Nein ich erwarte keinen Respekt, siehs als Denkanstoß an. Abi und Vorabi bist du nicht der 1. also tu mal nicht so als wär das was ganz besonderes. Und wenn du schreibst, dass du dich damit beschäftigt hast, gleichzeit aber 0 Ahnung von Java hast, was meinst du wie glaubhaft das rüberkommt? 

Ich schreibe jetzt, weil ich vorher keine Lust hatte. Gibt ja genügend Leute die hier Fragen stellen und denen man anmerkt, dass sie sich vorher wirklich mit dem jeweiligen Problem auseinandergesetzt haben.


----------



## ARadauer (11. Jan 2011)

> zu allererst ist es doch meine sache wie ich lerne oder nicht?

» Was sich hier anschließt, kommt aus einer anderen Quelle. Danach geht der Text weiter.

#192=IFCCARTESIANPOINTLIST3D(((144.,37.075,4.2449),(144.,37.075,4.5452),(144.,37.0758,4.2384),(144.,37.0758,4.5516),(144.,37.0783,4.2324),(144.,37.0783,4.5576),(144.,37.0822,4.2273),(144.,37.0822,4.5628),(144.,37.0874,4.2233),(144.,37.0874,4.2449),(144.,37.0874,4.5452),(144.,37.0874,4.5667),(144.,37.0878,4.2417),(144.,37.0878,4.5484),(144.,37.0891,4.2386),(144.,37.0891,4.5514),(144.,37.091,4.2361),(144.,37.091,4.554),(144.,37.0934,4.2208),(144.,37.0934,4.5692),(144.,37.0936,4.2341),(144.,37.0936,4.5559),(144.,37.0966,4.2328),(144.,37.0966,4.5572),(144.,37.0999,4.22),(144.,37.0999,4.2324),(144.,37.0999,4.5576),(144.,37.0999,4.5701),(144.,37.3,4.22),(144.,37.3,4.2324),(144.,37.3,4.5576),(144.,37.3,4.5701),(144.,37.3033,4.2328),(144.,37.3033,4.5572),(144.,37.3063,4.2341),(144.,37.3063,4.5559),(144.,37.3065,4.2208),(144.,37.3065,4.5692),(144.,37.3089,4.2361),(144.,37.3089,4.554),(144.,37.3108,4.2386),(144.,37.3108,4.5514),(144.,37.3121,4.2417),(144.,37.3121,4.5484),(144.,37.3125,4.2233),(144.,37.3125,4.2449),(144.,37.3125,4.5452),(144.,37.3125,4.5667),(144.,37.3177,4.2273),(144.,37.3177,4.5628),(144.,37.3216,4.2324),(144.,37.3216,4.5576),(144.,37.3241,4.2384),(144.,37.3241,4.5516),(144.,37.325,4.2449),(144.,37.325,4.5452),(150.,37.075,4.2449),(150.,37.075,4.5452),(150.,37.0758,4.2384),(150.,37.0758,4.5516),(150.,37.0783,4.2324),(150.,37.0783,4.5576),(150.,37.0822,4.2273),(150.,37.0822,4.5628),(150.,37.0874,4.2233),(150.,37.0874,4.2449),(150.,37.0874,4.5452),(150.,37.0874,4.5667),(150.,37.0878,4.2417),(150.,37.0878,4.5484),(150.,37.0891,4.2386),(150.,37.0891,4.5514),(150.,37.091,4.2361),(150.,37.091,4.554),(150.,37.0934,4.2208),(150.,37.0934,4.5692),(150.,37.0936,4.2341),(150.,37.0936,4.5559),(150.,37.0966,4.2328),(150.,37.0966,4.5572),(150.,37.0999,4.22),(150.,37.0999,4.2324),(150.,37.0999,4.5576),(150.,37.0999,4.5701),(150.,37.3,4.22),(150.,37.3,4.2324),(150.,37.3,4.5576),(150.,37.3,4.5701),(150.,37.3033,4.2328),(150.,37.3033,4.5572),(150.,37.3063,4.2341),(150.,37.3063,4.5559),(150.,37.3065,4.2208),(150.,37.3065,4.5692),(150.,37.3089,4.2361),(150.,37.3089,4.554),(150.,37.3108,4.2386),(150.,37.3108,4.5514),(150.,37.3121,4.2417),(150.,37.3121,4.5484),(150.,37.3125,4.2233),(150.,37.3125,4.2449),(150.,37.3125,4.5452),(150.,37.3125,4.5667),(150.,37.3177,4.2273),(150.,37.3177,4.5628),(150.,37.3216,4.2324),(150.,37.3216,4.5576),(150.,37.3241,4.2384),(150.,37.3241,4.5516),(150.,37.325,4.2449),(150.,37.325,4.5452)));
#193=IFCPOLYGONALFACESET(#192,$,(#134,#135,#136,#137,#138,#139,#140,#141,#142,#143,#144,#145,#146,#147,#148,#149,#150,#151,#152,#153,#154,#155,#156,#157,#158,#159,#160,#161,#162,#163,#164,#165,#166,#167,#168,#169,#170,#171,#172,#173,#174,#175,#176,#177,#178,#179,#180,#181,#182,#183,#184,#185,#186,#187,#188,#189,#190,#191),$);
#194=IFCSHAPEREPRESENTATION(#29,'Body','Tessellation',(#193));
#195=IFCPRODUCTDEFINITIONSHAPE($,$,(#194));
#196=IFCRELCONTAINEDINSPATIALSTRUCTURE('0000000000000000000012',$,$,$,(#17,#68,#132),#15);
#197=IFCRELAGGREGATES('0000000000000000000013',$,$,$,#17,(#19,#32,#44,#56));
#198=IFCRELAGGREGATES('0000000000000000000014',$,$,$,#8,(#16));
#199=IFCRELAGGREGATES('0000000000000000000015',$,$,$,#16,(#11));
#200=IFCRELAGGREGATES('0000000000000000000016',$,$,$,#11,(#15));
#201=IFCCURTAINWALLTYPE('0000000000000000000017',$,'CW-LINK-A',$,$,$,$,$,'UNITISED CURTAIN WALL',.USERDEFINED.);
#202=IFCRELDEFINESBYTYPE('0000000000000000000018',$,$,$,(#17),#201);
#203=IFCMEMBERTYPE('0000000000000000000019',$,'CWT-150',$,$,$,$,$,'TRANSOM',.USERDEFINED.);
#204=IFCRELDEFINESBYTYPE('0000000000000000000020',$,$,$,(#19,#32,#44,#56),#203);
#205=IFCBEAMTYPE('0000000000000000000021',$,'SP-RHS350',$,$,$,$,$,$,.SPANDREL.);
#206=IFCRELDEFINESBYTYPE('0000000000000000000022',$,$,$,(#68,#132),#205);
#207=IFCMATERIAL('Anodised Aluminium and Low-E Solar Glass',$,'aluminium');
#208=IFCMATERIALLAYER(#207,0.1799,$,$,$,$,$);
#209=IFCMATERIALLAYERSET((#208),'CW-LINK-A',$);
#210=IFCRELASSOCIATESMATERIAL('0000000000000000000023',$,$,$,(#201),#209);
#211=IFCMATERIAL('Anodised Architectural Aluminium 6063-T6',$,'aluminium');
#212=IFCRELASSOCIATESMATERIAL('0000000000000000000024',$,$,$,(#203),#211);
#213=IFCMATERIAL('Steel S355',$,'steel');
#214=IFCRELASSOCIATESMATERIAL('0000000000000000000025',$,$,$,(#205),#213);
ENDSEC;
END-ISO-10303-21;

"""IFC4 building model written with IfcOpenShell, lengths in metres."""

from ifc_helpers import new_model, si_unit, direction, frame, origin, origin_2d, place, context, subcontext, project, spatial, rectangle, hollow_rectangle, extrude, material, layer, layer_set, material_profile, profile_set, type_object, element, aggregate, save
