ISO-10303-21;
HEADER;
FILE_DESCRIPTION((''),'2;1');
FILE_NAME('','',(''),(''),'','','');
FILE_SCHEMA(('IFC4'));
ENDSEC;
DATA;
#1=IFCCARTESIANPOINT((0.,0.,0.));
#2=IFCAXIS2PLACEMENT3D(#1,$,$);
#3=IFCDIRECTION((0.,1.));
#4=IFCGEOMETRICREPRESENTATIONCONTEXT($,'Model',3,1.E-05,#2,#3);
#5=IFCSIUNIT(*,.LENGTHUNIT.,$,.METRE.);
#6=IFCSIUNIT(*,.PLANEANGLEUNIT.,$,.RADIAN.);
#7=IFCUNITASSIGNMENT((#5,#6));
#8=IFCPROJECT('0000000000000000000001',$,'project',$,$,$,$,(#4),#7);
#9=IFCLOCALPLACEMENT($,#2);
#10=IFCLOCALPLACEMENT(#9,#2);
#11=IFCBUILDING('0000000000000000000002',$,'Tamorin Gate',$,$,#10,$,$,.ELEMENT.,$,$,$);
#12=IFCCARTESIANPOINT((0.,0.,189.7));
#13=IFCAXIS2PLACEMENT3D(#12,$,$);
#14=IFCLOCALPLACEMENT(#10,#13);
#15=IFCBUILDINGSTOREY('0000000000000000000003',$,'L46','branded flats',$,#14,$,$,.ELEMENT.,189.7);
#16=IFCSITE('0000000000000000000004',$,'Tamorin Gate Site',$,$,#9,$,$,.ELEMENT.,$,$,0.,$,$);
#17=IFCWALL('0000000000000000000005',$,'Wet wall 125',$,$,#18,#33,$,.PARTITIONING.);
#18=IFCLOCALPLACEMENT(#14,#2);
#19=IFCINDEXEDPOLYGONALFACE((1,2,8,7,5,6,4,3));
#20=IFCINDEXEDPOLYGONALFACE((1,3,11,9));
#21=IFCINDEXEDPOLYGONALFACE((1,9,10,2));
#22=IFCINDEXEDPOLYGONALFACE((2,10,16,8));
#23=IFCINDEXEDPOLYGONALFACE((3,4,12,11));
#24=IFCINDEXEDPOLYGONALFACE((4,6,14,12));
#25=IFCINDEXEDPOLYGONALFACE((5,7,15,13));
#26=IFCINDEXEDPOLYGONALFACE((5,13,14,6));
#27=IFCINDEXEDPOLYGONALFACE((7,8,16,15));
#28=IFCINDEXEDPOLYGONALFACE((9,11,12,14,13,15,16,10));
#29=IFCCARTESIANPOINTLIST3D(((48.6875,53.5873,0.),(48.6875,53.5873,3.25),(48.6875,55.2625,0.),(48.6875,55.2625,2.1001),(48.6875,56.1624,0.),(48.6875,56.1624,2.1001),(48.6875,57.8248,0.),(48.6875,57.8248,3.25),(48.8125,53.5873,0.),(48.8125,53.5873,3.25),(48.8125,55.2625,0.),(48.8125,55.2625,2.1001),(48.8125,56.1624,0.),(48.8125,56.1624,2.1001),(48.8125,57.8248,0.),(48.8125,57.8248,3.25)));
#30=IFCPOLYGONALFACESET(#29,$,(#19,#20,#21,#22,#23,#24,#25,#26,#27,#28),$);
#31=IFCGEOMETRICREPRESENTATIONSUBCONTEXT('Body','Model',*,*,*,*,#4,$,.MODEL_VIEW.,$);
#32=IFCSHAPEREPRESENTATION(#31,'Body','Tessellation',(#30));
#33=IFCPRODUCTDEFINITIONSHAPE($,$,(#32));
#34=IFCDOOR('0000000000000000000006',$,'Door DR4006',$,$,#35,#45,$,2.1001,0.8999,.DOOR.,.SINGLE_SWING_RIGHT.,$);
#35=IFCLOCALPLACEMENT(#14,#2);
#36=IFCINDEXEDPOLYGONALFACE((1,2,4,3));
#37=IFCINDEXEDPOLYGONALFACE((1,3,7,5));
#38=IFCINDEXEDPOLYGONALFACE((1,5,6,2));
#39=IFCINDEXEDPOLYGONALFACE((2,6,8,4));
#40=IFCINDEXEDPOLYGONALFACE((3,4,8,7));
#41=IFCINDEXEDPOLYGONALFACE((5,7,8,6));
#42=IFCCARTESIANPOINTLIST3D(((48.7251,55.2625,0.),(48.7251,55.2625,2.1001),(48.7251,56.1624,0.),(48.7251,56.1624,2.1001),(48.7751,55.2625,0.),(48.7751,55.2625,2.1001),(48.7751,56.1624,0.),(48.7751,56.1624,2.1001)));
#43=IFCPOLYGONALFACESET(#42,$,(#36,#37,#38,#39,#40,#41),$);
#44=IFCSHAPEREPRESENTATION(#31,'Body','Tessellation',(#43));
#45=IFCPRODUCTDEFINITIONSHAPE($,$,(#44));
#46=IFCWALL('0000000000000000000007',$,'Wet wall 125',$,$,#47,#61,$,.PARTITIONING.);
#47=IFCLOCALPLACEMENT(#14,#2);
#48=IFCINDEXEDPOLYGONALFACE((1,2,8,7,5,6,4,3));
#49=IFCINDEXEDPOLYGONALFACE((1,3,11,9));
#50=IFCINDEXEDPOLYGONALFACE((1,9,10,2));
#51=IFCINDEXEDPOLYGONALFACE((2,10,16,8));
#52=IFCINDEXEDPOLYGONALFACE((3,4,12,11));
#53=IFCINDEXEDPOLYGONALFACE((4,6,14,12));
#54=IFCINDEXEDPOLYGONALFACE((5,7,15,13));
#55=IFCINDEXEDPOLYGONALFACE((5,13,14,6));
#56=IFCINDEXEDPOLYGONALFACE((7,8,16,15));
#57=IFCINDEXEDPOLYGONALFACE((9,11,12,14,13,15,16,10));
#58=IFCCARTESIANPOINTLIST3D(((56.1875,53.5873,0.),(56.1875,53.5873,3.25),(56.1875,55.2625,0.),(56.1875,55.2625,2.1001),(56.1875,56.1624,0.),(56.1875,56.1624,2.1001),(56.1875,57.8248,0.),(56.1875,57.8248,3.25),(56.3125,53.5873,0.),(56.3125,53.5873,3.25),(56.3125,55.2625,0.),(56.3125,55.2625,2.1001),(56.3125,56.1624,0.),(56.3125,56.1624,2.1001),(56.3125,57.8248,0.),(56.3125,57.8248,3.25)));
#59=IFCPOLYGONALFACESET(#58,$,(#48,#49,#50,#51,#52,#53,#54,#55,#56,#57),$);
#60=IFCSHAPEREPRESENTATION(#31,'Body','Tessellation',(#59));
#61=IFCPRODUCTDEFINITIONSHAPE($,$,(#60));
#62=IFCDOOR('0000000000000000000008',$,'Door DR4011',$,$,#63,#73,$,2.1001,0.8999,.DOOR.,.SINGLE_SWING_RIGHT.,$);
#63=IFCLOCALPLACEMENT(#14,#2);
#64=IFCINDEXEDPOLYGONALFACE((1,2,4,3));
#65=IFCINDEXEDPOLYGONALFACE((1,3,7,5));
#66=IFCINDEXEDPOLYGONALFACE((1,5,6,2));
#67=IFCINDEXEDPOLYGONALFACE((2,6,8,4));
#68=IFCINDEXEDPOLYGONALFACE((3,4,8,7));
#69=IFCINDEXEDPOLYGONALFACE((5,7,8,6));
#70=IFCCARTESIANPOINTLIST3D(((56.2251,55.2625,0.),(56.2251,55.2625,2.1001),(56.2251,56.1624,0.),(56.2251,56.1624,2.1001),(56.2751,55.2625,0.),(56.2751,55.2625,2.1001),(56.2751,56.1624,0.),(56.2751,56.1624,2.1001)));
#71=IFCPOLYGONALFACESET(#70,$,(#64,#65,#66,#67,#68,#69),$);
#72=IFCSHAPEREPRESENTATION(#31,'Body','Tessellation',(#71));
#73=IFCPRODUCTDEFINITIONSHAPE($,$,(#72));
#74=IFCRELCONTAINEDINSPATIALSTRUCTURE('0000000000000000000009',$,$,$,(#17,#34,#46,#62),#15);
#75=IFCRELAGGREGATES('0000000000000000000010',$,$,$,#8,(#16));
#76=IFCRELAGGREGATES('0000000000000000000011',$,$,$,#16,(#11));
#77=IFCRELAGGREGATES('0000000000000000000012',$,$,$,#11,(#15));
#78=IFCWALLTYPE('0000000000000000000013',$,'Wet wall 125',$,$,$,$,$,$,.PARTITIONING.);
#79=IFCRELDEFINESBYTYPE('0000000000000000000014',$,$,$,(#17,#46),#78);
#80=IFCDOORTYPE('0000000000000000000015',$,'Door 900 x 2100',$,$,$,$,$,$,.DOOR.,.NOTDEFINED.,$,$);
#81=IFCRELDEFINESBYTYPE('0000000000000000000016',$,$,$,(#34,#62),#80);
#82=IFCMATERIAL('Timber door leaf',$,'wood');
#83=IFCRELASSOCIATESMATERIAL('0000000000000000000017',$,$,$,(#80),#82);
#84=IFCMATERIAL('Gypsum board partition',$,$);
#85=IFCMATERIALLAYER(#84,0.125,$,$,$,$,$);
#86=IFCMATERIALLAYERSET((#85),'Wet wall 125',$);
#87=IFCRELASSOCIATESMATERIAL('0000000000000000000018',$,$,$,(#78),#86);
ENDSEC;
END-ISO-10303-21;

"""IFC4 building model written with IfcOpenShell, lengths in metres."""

from ifc_helpers import new_model, si_unit, direction, frame, frame_2d, origin, place, context, subcontext, project, spatial, rectangle, extrude, material, layer, layer_set, type_object, element, fill, save


model = new_model("IFC4")

# Units and contexts
model_context = context("Model", 3, precision=1e-05, world=origin(), true_north=direction((0.0, 1.0)))
body_context = subcontext(model_context, "Body", "Model", "MODEL_VIEW")
ifc_project = project(units=[si_unit("LENGTHUNIT", "METRE"), si_unit("PLANEANGLEUNIT", "RADIAN")], contexts=[model_context])

# Site, building, storey
site_placement = place(None, origin())
site = spatial("IfcSite", under=ifc_project, at=site_placement, Name="Tamorin Gate Site", CompositionType="ELEMENT", RefElevation=0.0)
building_placement = place(site_placement, origin())
building = spatial("IfcBuilding", under=site, at=building_placement, Name="Tamorin Gate", CompositionType="ELEMENT")
storey_placement = place(building_placement, frame((0.0, 0.0, 189.7)))
storey = spatial("IfcBuildingStorey", under=building, at=storey_placement, Name="L46", Description="branded flats", CompositionType="ELEMENT", Elevation=189.7)

# Shared definitions
ifc_material_1 = material(Name="Gypsum board partition")

# Shared definitions
ifc_material_2 = material(Name="Timber door leaf", Category="wood")
door_type = type_object("IfcDoorType", Name="Door 900 x 2100", OperationType="NOTDEFINED", PredefinedType="DOOR", material=ifc_material_2)

# Shared definitions
ifc_layer_1 = layer(ifc_material_1, 0.125)
ifc_layer_set_1 = layer_set([ifc_layer_1], Name="Wet wall 125")
wall_type_1 = type_object("IfcWallType", Name="Wet wall 125", PredefinedType="PARTITIONING", material=ifc_layer_set_1)

# Walls, openings, doors
wall_1_placement = place(storey_placement, frame((48.75, 53.5874, 0.0), z_axis=(0.0, 0.0, 1.0), x_axis=(0.0, 1.0, 0.0)))
wall_1 = element("IfcWall", 1, at=wall_1_placement, inside=storey, type_object=wall_type_1, Name="Wet wall 125", PredefinedType="PARTITIONING", context=body_context, shape_type="SweptSolid", body=[
    extrude(rectangle(XDim=4.2375, YDim=0.125, at=frame_2d((2.1187, 0.0))), origin(), (0.0, 0.0, 1.0), 3.25),
])
opening_1_placement = place(wall_1_placement, frame((1.675, 0.0, 0.0)))
opening_1 = element("IfcOpeningElement", 2, at=opening_1_placement, cuts=wall_1, PredefinedType="OPENING", context=body_context, shape_type="SweptSolid", body=[
    extrude(rectangle(XDim=0.8999, YDim=2.1001, at=frame_2d((0.45, 1.05))), frame((0.0, 0.0725, 0.0), z_axis=(0.0, -1.0, 0.0), x_axis=(1.0, 0.0, 0.0)), (0.0, 0.0, 1.0), 0.145),
])
door_1_placement = place(opening_1_placement, origin())
door_1 = element("IfcDoor", 3, at=door_1_placement, inside=storey, type_object=door_type, Name="Door DR4006", OperationType="SINGLE_SWING_RIGHT", OverallHeight=2.1001, OverallWidth=0.8999, PredefinedType="DOOR", context=body_context, shape_type="SweptSolid", body=[
    extrude(rectangle(XDim=0.8999, YDim=2.1001, at=frame_2d((0.45, 1.05))), frame((0.0, 0.0249, 0.0), z_axis=(0.0, -1.0, 0.0), x_axis=(1.0, 0.0, 0.0)), (0.0, 0.0, 1.0), 0.05),
])
fill(opening_1, door_1)
wall_2_placement = place(storey_placement, frame((56.25, 53.5874, 0.0), z_axis=(0.0, 0.0, 1.0), x_axis=(0.0, 1.0, 0.0)))
wall_2 = element("IfcWall", 4, at=wall_2_placement, inside=storey, type_object=wall_type_1, Name="Wet wall 125", PredefinedType="PARTITIONING", context=body_context, shape_type="SweptSolid", body=[
    extrude(rectangle(XDim=4.2375, YDim=0.125, at=frame_2d((2.1187, 0.0))), origin(), (0.0, 0.0, 1.0), 3.25),
])
opening_2_placement = place(wall_2_placement, frame((1.675, 0.0, 0.0)))
opening_2 = element("IfcOpeningElement", 5, at=opening_2_placement, cuts=wall_2, PredefinedType="OPENING", context=body_context, shape_type="SweptSolid", body=[
    extrude(rectangle(XDim=0.8999, YDim=2.1001, at=frame_2d((0.45, 1.05))), frame((0.0, 0.0725, 0.0), z_axis=(0.0, -1.0, 0.0), x_axis=(1.0, 0.0, 0.0)), (0.0, 0.0, 1.0), 0.145),
])
door_2_placement = place(opening_2_placement, origin())
door_2 = element("IfcDoor", 6, at=door_2_placement, inside=storey, type_object=door_type, Name="Door DR4011", OperationType="SINGLE_SWING_RIGHT", OverallHeight=2.1001, OverallWidth=0.8999, PredefinedType="DOOR", context=body_context, shape_type="SweptSolid", body=[
    extrude(rectangle(XDim=0.8999, YDim=2.1001, at=frame_2d((0.45, 1.05))), frame((0.0, 0.0249, 0.0), z_axis=(0.0, -1.0, 0.0), x_axis=(1.0, 0.0, 0.0)), (0.0, 0.0, 1.0), 0.05),
])
fill(opening_2, door_2)

save(model, "model.ifc")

nein, weil wenn du so lernst wie jetzt müssen die anderen dein hartz4 geld mitfinazieren!


----------



## Final_Striker (11. Jan 2011)

ARadauer hat gesagt.:


> nein, weil wenn du so lernst wie jetzt müssen die anderen dein hartz4 geld mitfinazieren!



:lol:


----------



## asdasdjk (11. Jan 2011)

-BadBoy- hat gesagt.:


> vielen dank..aber das wusste ich schon vorher



warum fragst du dann danach? wer in der schule nicht mitkommt und sich nicht anstrengen will, bekommt eine schlechte note. so war's früher - so ist es heute hoffentlich auch noch.


----------



## Andi_CH (12. Jan 2011)

asdasdjk hat gesagt.:


> wer in der schule nicht mitkommt und sich nicht anstrengen will, bekommt eine schlechte note. so war's früher - so ist es heute hoffentlich auch noch.





-BadBoy- hat gesagt.:


> ...und ne 3 bekommen aber..immerhin....



Offensichtlich nicht :-(


----------



## -BadBoy- (12. Jan 2011)

ARadauer hat gesagt.:


> nein, weil wenn du so lernst wie jetzt müssen die anderen dein hartz4 geld mitfinazieren!



haha...lustig 

aber keine angst.......so wirds nicht sein...



Andi_CH hat gesagt.:


> Offensichtlich nicht :-(



daraus schliesst man..ich habe mich mittelmassig angestrengt.....ich wurde sagen..JA bei Info trat dies im punkt java zu.....



asdasdjk hat gesagt.:


> warum fragst du dann danach? wer in der schule nicht mitkommt und sich nicht anstrengen will, bekommt eine schlechte note. so war's früher - so ist es heute hoffentlich auch noch.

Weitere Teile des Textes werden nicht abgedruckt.